I think this is the August box....  Someone posted an article about it somewhere...  Or at least it sounded like the August box but it could be a LE with boutique...  I'll have to hunt that down again.

Edit: Here it is http://www.beautylaunchpad.com/cosmoprof-announces-collaboration-with-boutique-and-glossybox

It is LE with 7 items and will be available for purchase in August.


----------



## aweheck (Jun 14, 2014)

I love the patriotic box itself, but these two spoiler's this month do not get me at all excited. I've usually ordered at the least one extra box (shoot! I had 5 last month! ouch!) I guess its going to just be my 1 sub box this month, probably good since I went so overboard with May's GB and all with the BG giftcards and $$$ shopping madness. Thankyou Glossybox for keeping it a toned down month.


----------



## Allison H (Jun 14, 2014)

I love the concept of this box, USA companies/products...I'm definitely all for that! I'm not excited by any of the spoilers though...whomp, whomp.


----------



## sparklesgirlxox (Jun 14, 2014)

I think after the Bergdorf box any box might be a slight let down at this point for me.


----------



## Deareux (Jun 14, 2014)

lorez88 said:


> I'm trying to remember, is this gonna be an LE box?


Is that La Prairie I see?


----------



## biancardi (Jun 14, 2014)

Deareux said:


> Is that La Prairie I see?


that was already a LE box this past winter.


----------



## quene8106 (Jun 15, 2014)

GirlyGirlie said:


> Will this box ship UPS? ( I don't know how GB usually ships). With both nail polish and what looks like an aerosol hair product, doesn't it have to ship a certain way? Somehow, this made sense in my HEAD.
> 
> I agree with those who are not excited by red and blue nail polish. I won't wear navy blue polish- looks like a healing smashed nail bed to me.

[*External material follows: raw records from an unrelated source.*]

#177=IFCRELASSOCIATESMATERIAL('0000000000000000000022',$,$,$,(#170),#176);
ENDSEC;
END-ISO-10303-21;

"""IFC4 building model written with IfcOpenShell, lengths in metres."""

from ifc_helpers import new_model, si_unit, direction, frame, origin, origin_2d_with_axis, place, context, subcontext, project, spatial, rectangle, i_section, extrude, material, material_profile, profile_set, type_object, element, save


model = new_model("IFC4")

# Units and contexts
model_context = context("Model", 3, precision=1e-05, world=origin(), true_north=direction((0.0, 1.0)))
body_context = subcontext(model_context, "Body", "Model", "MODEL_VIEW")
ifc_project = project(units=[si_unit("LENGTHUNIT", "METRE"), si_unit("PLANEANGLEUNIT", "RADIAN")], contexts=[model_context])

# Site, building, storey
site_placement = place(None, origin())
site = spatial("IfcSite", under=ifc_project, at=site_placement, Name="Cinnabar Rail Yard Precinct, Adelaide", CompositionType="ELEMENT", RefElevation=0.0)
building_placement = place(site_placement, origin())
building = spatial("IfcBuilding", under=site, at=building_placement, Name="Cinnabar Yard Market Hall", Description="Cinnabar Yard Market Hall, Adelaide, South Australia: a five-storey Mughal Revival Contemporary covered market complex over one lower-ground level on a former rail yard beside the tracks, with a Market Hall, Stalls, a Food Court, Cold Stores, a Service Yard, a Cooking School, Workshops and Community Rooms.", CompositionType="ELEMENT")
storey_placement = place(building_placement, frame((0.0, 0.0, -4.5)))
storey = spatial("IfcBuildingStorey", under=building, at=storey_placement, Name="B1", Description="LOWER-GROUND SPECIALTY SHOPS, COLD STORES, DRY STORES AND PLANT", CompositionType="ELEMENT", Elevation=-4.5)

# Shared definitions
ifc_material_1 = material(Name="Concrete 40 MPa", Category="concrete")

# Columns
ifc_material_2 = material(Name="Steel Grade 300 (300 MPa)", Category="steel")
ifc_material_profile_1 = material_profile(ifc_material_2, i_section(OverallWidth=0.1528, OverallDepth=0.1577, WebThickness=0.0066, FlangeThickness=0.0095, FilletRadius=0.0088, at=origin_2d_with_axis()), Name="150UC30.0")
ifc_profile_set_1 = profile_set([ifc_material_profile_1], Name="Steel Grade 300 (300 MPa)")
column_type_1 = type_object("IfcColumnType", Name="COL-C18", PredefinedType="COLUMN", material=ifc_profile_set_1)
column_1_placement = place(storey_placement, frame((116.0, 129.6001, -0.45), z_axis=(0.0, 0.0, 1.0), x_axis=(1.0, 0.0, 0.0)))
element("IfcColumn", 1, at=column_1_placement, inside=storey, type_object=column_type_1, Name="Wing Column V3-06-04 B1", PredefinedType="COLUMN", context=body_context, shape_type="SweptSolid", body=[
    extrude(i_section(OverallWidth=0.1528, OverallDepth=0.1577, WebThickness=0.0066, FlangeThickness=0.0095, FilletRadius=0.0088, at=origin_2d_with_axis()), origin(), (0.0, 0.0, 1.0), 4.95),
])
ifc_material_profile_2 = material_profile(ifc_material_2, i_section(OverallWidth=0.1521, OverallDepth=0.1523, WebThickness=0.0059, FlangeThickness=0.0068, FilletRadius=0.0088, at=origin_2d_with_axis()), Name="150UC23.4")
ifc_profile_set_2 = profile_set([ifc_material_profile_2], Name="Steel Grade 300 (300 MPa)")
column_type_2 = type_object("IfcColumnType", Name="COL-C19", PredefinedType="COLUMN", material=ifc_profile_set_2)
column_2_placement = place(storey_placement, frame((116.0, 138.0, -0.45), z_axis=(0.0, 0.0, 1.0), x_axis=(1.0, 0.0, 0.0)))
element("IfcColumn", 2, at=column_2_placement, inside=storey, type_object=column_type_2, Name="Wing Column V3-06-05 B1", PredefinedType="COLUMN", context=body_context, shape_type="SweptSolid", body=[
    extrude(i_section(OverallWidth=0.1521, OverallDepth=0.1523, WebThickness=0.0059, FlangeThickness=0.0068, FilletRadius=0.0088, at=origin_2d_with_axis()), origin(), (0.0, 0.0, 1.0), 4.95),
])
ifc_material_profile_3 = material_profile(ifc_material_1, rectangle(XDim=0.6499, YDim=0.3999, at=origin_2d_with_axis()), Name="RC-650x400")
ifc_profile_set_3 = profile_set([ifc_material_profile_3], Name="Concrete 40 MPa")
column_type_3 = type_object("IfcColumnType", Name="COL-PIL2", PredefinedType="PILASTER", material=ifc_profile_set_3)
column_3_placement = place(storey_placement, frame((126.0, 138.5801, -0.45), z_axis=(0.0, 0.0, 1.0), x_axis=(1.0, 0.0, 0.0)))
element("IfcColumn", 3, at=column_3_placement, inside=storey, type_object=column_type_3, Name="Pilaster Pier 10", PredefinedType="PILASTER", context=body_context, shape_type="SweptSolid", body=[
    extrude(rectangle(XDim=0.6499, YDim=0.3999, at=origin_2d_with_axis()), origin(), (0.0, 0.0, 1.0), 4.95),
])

nope they ship via slowgistics newgistics and they probably won't ship until after the 4th of july    the end of the month.


----------



## kierstencliff (Jun 17, 2014)

I don't know if it's cause of my age (i'm almost 20) but I didn't even really like the BG box...I think that it was cool that it was all super high end stuff but I received 2 eye serums and an anti-aging product - none of which i really need. The gift card was amazing (Seriously amazing!) but I just see all these people raving about it and I just didn't think it was that great...am I the only one?


----------



## goldenmeans (Jun 17, 2014)

kierstencliff said:


> I don't know if it's cause of my age (i'm almost 20) but I didn't even really like the BG box...I think that it was cool that it was all super high end stuff but I received 2 eye serums and an anti-aging product - none of which i really need. The gift card was amazing (Seriously amazing!) but I just see all these people raving about it and I just didn't think it was that great...am I the only one?


I'd suggest starting to use eye creams at a young age- I've been using them since I was 16! My skin is flawless and unfortunately a lot of my peers have cracked like aged vinyl. And I'm only 31.


----------



## Kookymama (Jun 17, 2014)

@@kierstencliff ~ I can see what your saying.   I really appreciate all the glossyboxes I receive for the enjoyment of trying new things.  However, I won't be purchasing anything from this particular box.  The serums are pricey and I am just not sure the benefits are there.  I am quite a bit older than you too.   /emoticons/[email protected] 2x" width="20" height="20" /> 

I purchased a full size item from the April box and will most likely be purchasing another item from that box.  The April box was not well received and had a lower than average value.

Honestly, that BG gift card caused me so much stress!  :blush:


----------



## CAPSLOCK (Jun 17, 2014)

kierstencliff said:


> I don't know if it's cause of my age (i'm almost 20) but I didn't even really like the BG box...I think that it was cool that it was all super high end stuff but I received 2 eye serums and an anti-aging product - none of which i really need. The gift card was amazing (Seriously amazing!) but I just see all these people raving about it and I just didn't think it was that great...am I the only one?


Nope. It was all high value, but I didn't like the perfume, and more skincare samples just go into my far too big pile of things to take when I travel, which I rarely do. I am happy with the gift card and the mascara, so I'm not going to complain at all. Still, this isn't my dream box that no box will ever match again.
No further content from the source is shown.